When other countries, such as Britain, Australia, Canada, and Germany, have imposed laws that restrict access to guns, the results have been a significant decrease in mass shootings and gun violence, reports the New York Times. Now, to be clear, the measures I’ve proposed aren’t nearly as drastic as what has been implemented in those countries, so ours probably won’t be as effective. That said, they are a big improvement to what we currently have on the books.
Will passage of these laws completely eliminate active shooter incidents/mass school shootings? Of course not. Laws have their weaknesses, just like the security measures campuses implement.
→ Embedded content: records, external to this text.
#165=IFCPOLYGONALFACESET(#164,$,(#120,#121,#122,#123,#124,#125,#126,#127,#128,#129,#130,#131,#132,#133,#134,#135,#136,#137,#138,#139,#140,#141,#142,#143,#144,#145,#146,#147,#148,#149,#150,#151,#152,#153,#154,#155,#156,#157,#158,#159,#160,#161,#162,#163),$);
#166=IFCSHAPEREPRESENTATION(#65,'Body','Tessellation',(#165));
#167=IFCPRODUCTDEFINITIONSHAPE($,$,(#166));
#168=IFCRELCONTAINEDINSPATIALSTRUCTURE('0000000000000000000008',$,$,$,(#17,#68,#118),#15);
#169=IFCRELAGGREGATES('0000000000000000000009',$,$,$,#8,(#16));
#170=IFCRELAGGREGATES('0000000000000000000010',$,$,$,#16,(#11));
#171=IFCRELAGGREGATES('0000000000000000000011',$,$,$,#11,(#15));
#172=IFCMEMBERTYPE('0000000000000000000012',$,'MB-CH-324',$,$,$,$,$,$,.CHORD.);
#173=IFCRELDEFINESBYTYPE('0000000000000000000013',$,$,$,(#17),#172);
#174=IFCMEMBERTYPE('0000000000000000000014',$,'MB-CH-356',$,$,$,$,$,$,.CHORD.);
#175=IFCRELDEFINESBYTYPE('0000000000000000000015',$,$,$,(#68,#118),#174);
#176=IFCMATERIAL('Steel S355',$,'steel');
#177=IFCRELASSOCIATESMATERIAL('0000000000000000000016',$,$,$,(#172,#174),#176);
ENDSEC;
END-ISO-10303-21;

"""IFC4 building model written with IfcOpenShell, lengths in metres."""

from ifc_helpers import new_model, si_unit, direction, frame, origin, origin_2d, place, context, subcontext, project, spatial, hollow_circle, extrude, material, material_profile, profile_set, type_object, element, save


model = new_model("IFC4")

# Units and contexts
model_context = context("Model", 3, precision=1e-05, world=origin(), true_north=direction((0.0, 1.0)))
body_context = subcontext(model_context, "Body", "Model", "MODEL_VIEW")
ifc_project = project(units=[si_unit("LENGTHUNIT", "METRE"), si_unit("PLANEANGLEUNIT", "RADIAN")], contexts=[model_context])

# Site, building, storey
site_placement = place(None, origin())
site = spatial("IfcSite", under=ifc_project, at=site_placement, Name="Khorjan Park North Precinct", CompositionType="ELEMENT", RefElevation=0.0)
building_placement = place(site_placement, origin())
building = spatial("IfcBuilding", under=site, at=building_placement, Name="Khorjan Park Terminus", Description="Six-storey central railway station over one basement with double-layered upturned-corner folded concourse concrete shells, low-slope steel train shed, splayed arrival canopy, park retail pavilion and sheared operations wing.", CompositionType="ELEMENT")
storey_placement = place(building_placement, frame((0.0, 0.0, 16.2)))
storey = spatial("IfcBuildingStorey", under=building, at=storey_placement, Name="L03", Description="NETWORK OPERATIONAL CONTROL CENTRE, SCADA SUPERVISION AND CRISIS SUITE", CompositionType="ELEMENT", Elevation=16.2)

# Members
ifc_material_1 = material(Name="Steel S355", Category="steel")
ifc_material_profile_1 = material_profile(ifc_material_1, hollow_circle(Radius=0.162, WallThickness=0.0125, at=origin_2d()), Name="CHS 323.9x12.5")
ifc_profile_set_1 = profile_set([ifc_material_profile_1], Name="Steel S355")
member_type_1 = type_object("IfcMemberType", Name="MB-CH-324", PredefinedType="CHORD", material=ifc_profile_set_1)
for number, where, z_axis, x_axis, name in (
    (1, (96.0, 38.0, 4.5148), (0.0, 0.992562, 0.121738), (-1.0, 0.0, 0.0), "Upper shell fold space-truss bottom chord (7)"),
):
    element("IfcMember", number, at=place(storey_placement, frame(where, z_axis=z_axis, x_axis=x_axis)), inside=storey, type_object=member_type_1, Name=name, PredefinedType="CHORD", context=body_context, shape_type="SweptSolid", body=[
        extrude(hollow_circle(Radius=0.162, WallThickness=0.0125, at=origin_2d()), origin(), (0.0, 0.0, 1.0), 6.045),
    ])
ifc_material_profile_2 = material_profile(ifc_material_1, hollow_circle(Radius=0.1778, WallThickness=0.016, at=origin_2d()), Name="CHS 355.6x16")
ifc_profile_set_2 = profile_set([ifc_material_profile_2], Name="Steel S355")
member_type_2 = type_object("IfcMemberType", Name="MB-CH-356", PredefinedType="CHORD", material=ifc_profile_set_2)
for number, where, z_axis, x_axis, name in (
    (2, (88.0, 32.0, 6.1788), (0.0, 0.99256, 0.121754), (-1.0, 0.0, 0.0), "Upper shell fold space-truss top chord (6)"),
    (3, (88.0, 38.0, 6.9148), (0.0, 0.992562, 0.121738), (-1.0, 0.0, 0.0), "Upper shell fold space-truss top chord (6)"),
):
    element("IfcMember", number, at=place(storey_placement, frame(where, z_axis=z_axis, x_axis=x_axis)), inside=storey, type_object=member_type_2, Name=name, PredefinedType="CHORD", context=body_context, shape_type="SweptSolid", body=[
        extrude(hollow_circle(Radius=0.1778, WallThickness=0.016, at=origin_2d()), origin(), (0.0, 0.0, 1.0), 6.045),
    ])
An access control/visitor management system can be defeated if someone props open a door, which is what happened in Uvalde. (Correction: reports now say that the teacher closed the door when she realized that the shooter was on campus, but the door wouldn’t lock.) Responding law enforcement officers make mistakes, which appear to have happened in Uvalde. Policies sometimes aren’t followed, which also possibly happened in Uvalde.
The inherent weaknesses associated with target hardening is why the measures I’ve just proposed must be implemented by the states and federal government. Without passage of these laws, our politicians are knowingly exposing American children to unnecessary and avoidable danger.
Schools, law enforcement, security technology and equipment, and our communities can only do so much on our own. Without the measures I’ve proposed, we’re trying to prevent gun violence on campus with one hand tied behind our backs. It’s time for our politicians to get a backbone, do their jobs, and do the right thing so we can keep kids safe.